The researchers dug deeper to see if this uncertainty was spread evenly across people from different genetic backgrounds. They looked at over 14,600 variants across 17 key genes. They found that for variants common in people of African ancestry, the rate of these uncertain results was not statistically higher than for those of non-Finnish European ancestry. However, for all other non-European groups combined—including East Asian, South Asian, and others—the rate of uncertain results was significantly lower.

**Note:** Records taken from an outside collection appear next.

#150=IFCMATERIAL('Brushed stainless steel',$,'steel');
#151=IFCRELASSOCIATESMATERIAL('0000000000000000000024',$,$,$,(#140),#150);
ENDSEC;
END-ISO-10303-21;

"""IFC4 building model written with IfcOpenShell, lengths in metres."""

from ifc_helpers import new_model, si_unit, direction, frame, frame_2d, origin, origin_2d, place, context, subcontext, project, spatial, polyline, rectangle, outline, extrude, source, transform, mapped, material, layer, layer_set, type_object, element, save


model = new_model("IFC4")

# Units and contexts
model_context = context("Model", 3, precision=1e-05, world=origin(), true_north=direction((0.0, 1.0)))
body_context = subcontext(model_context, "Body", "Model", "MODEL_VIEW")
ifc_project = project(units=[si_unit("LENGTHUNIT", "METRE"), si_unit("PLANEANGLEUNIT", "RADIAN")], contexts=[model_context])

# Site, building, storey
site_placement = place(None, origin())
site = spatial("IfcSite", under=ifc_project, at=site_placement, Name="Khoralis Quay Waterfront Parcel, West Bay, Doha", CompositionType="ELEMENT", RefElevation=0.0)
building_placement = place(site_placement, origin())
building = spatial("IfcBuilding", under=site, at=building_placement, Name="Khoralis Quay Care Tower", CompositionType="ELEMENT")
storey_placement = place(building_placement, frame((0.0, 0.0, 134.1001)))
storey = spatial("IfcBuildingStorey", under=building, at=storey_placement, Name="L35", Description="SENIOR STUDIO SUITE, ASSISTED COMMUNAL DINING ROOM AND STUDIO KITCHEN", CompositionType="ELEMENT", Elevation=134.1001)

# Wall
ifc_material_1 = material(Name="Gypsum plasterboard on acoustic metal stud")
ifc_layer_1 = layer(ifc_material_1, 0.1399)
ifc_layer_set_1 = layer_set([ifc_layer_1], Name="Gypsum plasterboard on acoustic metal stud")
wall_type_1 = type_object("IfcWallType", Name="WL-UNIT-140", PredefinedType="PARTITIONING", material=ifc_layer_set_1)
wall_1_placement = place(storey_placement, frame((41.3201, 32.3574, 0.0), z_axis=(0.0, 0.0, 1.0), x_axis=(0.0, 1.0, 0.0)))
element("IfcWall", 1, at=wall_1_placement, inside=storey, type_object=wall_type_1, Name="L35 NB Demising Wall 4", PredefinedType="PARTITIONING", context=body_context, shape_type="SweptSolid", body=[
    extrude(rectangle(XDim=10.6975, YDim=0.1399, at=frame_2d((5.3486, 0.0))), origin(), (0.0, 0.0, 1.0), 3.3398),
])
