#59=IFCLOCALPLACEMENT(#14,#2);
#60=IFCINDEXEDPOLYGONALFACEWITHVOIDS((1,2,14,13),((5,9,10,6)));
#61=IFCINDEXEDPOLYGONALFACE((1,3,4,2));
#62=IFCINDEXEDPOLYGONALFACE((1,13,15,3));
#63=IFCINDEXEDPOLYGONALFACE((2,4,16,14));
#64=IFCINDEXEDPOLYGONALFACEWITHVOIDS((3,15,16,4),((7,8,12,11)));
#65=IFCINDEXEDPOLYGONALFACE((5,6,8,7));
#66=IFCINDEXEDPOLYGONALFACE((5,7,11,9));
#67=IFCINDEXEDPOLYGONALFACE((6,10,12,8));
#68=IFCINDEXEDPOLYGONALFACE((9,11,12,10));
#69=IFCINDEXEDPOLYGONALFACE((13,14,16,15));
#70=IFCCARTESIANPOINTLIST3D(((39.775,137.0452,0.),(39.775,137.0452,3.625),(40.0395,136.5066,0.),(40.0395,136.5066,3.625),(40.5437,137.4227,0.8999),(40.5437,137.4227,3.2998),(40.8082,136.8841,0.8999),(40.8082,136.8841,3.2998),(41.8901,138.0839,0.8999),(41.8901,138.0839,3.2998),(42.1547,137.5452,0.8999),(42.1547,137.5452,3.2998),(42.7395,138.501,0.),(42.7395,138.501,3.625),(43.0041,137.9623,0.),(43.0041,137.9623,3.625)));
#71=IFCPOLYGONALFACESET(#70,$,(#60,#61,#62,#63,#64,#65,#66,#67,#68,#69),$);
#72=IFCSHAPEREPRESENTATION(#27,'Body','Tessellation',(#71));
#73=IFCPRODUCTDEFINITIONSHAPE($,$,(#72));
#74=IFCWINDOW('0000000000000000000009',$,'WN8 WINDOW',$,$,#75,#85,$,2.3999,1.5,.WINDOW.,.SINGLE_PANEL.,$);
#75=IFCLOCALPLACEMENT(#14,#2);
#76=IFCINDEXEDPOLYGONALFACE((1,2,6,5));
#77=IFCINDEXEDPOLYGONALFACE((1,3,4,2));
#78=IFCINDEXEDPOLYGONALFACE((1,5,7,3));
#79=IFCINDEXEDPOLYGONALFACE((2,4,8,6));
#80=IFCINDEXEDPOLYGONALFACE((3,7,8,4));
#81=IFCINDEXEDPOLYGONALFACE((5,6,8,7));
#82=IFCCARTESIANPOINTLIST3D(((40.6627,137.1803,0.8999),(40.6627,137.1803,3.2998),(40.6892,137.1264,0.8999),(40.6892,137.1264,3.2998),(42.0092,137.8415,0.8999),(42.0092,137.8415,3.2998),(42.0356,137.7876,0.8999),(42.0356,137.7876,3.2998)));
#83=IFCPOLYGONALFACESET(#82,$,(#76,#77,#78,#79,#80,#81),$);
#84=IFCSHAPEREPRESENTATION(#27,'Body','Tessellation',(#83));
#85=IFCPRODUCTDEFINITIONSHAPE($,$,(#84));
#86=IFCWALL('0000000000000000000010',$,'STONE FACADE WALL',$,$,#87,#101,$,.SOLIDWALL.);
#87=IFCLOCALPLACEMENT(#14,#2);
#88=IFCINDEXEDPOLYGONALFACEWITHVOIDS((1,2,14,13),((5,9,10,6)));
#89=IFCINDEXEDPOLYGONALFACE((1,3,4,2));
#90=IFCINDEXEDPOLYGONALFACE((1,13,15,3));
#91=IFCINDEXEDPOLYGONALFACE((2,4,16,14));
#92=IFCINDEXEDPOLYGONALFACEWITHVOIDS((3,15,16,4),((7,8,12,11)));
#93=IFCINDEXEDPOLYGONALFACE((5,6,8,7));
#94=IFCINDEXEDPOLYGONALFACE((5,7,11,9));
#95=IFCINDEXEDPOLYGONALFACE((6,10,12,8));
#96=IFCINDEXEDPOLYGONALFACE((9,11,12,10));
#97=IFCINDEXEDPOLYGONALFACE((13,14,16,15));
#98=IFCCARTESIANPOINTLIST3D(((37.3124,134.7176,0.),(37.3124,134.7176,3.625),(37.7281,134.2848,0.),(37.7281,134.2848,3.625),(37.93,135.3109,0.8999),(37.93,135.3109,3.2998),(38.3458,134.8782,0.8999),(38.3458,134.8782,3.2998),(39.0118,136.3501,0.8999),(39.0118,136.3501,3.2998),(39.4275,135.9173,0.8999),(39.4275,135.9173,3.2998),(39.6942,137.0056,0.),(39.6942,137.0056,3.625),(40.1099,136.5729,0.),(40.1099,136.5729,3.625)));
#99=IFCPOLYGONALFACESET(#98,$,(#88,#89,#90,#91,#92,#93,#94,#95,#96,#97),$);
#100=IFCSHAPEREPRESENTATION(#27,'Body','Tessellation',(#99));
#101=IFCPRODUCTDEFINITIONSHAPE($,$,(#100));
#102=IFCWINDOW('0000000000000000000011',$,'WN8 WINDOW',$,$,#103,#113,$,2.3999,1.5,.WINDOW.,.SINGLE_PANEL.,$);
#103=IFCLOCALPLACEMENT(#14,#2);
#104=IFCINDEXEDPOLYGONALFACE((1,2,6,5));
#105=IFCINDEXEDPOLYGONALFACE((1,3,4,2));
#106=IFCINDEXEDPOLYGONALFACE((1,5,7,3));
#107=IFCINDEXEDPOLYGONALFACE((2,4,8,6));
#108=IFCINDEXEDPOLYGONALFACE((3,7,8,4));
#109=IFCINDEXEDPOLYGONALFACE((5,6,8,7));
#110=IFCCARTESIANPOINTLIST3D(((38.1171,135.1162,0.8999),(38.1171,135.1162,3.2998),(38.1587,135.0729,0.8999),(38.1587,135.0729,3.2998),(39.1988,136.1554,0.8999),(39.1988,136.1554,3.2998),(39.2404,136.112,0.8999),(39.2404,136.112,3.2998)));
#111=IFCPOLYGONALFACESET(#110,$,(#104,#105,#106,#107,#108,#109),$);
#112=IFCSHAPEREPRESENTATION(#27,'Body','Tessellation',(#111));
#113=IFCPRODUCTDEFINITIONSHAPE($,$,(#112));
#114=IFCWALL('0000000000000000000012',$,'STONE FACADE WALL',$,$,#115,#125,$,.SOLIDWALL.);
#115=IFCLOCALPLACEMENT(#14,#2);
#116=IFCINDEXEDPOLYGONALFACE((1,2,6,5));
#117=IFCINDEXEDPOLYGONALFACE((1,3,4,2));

This is a database study, so it's observing patterns in existing information, not testing a new treatment. It doesn't tell us why these differences exist or what the health consequences are. One interesting twist was in a specific gene called GCK, where the uncertain rate was actually higher for non-European variants. The big takeaway is that the genetic playbook for diabetes is far from complete, and the chapter for many populations is particularly thin. More research is needed to fill in these blanks so that genetic testing can be equally informative for everyone.